# Simple optics

1. Dec 6, 2007

### pardesi

Question:
At the bottom of a glas bath lies a mirror covered by 20cm of water.In the air,30 cm above the water there hangs a lamp.Find the distance from the mirror at which an observer looking into the water will see the image of the lamp in the mirror

Relevant Formula:
apparent shift $$\Delta t=t(\frac{\mu}{1}-1)$$

Attempt:
the apparent shift of the lamp is 10 cm so the situation is same as a lamp placed in the system without water at a distance of 60cm from the mirror.
But that's all i could get i dont understand the question well .

2. Dec 7, 2007

### rl.bhat

Refractive index = Real depth / apparent depth.
Find the apparent depth of the lapm in the mirror. From this find the apparent distance of the lamp from the mirror. Same will be the distance of the image in the mirror.

3. Dec 7, 2007

4. Dec 7, 2007

### rl.bhat

4/3 = 20/apparent depth
Apparent depth = 15 cm.
Now apparent object distance = 30 + 15= 45cm = Image distance

5. Dec 7, 2007

### Shooting Star

Hi Bhat, I've got some questions. I arrived at the answer through more complicated reasoning. How come your simple formula gives the same answer?

If you look at the lamp from inside the water, the apparent distance from the interface should be (4/3)30 cm = 40 cm. (More than actual.) From the mirror surface, it should look as if the lamp is at a dist of 20+40=60 cm. So, the image of this should form at a dist of 60 cm behind the mirror.
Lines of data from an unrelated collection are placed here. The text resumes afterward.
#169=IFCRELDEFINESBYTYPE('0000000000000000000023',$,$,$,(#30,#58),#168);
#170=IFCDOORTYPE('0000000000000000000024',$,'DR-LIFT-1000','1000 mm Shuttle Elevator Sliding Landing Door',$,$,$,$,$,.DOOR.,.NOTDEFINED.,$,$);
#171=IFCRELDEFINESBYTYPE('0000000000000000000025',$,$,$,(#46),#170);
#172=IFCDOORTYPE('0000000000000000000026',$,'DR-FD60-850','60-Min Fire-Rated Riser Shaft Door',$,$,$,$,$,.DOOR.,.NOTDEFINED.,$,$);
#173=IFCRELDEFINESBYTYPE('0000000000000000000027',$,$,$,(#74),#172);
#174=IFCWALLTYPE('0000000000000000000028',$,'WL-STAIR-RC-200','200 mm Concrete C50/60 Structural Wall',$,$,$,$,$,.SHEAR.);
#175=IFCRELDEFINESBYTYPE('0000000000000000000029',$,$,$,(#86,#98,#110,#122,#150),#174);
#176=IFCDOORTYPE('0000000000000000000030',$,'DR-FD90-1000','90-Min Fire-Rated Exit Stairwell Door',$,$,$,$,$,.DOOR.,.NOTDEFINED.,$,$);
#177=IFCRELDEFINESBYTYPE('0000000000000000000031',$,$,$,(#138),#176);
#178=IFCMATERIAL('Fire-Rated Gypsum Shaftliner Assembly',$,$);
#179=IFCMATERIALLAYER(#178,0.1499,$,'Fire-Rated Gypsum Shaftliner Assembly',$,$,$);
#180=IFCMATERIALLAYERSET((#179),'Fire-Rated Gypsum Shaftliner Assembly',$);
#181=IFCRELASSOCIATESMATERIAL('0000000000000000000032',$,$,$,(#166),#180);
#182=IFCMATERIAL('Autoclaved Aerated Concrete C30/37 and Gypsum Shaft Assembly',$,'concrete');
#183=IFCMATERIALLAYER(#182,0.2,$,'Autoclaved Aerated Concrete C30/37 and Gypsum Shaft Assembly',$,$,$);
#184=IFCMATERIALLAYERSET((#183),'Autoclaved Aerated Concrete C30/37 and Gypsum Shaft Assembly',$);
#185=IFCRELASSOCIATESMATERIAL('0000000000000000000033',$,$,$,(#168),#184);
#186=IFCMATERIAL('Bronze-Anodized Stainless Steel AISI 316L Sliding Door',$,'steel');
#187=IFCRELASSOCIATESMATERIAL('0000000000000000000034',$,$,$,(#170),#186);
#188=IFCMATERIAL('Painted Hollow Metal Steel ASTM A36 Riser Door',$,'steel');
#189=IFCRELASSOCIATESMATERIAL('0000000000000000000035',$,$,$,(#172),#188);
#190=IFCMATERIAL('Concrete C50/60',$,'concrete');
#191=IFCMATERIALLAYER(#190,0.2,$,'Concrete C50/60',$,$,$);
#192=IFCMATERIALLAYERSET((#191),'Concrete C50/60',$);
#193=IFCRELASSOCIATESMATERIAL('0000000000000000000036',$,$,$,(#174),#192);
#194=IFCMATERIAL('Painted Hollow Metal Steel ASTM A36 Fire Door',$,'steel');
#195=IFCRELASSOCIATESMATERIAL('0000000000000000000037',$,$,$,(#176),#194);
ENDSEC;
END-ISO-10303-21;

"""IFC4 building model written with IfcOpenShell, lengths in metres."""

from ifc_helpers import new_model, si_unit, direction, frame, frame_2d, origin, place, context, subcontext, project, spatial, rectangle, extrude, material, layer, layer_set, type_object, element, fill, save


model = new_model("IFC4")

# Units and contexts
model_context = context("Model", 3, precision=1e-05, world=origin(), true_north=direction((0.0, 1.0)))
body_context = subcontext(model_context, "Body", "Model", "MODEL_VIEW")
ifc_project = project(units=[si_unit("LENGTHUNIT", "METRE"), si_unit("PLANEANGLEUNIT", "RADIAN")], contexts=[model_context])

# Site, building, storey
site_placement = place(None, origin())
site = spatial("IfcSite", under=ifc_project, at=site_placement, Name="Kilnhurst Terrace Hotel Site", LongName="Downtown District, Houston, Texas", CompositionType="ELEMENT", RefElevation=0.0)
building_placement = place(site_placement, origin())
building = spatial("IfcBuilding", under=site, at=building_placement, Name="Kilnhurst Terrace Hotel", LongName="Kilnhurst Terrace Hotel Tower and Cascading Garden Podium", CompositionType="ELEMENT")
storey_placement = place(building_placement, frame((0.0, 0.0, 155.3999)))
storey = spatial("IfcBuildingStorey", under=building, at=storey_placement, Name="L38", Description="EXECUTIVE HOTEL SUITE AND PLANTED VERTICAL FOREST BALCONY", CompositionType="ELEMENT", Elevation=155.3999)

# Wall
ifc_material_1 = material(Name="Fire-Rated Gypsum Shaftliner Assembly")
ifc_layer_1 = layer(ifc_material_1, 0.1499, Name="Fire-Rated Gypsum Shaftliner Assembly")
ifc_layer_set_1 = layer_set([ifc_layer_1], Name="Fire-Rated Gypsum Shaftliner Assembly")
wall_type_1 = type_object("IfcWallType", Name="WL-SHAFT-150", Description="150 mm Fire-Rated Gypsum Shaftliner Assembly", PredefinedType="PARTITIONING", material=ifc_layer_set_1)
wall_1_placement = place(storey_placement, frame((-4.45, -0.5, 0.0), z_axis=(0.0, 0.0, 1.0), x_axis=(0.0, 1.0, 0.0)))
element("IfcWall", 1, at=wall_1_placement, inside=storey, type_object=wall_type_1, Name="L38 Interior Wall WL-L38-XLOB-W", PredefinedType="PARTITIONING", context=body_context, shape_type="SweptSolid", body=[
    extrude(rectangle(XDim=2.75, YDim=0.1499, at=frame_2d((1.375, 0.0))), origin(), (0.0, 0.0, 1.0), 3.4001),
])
Now if you look from the air, the actual depth of image is 20+60=80cm. So, apparent depth should be (3/4)80=60 cm from the air-water interface. But the mirror is at an apparent depth of (3/4)20=15 cm. So, the distance of the image from the mirror according to an observer looking into the water should be 60-15=45 cm.

What I’m asking is what exactly is the correlation between your and my methods?

6. Dec 7, 2007

### pardesi

thanks shooting star and rl.Bhat.
i got shooting star's method

7. Dec 7, 2007

### rl.bhat

If you look at the lamp from inside the water, the apparent distance from the interface should be (4/3)30 cm = 40 cm. (More than actual.) From the mirror surface, it should look as if the lamp is at a dist of 20+40=60 cm. So, the image of this should form at a dist of 60 cm behind the mirror. For a fish it is true.
Now if you look from the air, the actual depth of image is 20+60=80cmThis in not correct. Because you are in air and object is in air. Between mirror and you water is there. Therefore the actual distance of the object from the mirror cannot be more than 50cm.

8. Dec 7, 2007

### Shooting Star

The mirror surface is a fish, as far as this problem is concerned. If we draw a diagram, we'll see that the light rays appear to diverge at a dist of 60cm from the mirror surface.
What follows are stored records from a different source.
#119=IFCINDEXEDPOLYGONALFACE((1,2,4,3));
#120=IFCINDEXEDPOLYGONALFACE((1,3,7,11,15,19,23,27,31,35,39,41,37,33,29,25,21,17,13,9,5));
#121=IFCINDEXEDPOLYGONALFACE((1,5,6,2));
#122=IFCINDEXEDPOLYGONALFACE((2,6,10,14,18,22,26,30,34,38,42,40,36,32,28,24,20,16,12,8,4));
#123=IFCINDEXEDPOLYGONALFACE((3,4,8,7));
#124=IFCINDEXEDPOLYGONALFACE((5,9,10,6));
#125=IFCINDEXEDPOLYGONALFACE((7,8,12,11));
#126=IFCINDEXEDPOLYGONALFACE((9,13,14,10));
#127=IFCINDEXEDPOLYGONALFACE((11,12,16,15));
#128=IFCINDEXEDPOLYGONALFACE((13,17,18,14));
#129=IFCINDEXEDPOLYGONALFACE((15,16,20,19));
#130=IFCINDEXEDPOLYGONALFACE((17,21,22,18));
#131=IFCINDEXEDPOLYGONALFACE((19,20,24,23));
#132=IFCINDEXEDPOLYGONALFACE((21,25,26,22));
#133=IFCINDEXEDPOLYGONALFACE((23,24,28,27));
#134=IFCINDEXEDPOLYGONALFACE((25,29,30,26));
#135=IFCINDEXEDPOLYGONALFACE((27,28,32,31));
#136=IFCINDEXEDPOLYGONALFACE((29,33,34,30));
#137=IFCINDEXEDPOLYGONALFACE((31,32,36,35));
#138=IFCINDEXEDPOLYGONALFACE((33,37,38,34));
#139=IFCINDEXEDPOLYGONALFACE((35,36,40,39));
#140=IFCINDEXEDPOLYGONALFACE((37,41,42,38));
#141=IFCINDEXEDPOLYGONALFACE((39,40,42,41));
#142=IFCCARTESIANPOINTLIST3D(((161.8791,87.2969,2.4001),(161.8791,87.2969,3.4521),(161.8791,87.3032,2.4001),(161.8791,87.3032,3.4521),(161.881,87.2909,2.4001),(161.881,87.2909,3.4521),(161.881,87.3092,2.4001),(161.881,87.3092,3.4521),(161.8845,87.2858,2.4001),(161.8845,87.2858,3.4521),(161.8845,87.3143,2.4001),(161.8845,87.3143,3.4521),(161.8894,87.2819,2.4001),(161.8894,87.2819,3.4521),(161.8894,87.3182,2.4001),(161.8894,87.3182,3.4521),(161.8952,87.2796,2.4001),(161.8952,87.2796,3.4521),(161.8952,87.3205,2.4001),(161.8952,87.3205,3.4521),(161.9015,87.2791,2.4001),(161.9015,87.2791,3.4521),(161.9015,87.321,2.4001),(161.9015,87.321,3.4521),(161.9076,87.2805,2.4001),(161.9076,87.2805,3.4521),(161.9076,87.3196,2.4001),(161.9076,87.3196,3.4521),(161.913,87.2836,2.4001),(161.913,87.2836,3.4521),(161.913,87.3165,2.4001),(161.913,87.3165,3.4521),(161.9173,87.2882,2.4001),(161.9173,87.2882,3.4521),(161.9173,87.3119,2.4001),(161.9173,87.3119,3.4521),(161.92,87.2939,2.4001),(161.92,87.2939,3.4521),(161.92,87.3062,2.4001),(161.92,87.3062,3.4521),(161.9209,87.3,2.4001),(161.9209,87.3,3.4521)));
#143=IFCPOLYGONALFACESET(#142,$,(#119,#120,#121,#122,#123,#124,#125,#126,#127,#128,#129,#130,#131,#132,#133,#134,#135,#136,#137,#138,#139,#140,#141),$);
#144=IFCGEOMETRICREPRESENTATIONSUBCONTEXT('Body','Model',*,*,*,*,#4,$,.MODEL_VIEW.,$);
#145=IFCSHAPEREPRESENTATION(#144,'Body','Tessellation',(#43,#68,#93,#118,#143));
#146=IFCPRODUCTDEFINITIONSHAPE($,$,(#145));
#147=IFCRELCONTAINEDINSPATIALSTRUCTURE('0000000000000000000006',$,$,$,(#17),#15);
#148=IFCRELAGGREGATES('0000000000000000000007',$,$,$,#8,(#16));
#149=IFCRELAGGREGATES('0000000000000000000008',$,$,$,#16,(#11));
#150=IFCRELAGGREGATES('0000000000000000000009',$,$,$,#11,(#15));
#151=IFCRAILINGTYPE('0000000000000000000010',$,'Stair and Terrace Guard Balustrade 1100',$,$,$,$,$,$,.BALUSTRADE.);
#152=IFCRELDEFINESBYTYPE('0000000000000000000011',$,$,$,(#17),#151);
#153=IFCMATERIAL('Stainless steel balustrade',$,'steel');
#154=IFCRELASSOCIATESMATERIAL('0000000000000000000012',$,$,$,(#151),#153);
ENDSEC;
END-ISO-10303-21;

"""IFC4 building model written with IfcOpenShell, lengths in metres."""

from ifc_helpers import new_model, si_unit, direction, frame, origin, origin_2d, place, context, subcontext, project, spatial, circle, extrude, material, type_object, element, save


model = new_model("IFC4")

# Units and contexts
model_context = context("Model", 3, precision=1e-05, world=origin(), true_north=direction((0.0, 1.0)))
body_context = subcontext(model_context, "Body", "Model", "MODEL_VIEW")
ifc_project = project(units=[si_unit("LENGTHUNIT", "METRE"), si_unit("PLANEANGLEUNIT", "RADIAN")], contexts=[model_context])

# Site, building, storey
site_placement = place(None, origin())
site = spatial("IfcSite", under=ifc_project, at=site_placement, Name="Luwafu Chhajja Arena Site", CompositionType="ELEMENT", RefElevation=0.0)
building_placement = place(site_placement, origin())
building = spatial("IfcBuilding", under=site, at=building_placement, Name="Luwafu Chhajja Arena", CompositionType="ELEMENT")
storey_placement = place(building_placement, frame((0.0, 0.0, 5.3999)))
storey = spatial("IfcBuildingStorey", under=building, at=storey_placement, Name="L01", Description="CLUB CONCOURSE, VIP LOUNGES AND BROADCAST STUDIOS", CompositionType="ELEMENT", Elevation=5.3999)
The actual dist doesn't count, it's the dist which the mirror surface perceives the light to be coming from, viz., from a dist of 60 cm.

Tell you what, I'll formulate the problem in terms of symbols. The water thickness is w, the lamp is d dist above it, the ref index of water is n. Now you tell the ans according to your method, and I'll do it by my method.

I just won't believe that the two similar answers we got are co-incidences, especially when I think my logic is fine. Maybe a good diagram will resolve it immediately. I'll do it when I'm free, maybe after 8-10 hrs. Best wishes.

9. Dec 7, 2007

### Shooting Star

All right. Listen, the two methods are absolutely identical, and in this problem gives the result d + w/n.

In your scenario, the water is replaced with air, thus bringing the mirror closer to the lamp by w/n, making the effective distance between the lamp and mirror surface d + w/n. Naturally, the image is at the same dist behind the mirror.

In my method, I was replacing the air by water, thus making the distance of the lamp further from the mirror. But later I had to revert back to air when observing the dist of the image from the mirror with the observer in the air. Ultimately both gives the same result. Skip the derivation. It's elementary and I'm too tired to write it now.

Your method is much simpler for this kind of problem, as is evident, provided you explain it to the newbies.

Cheers.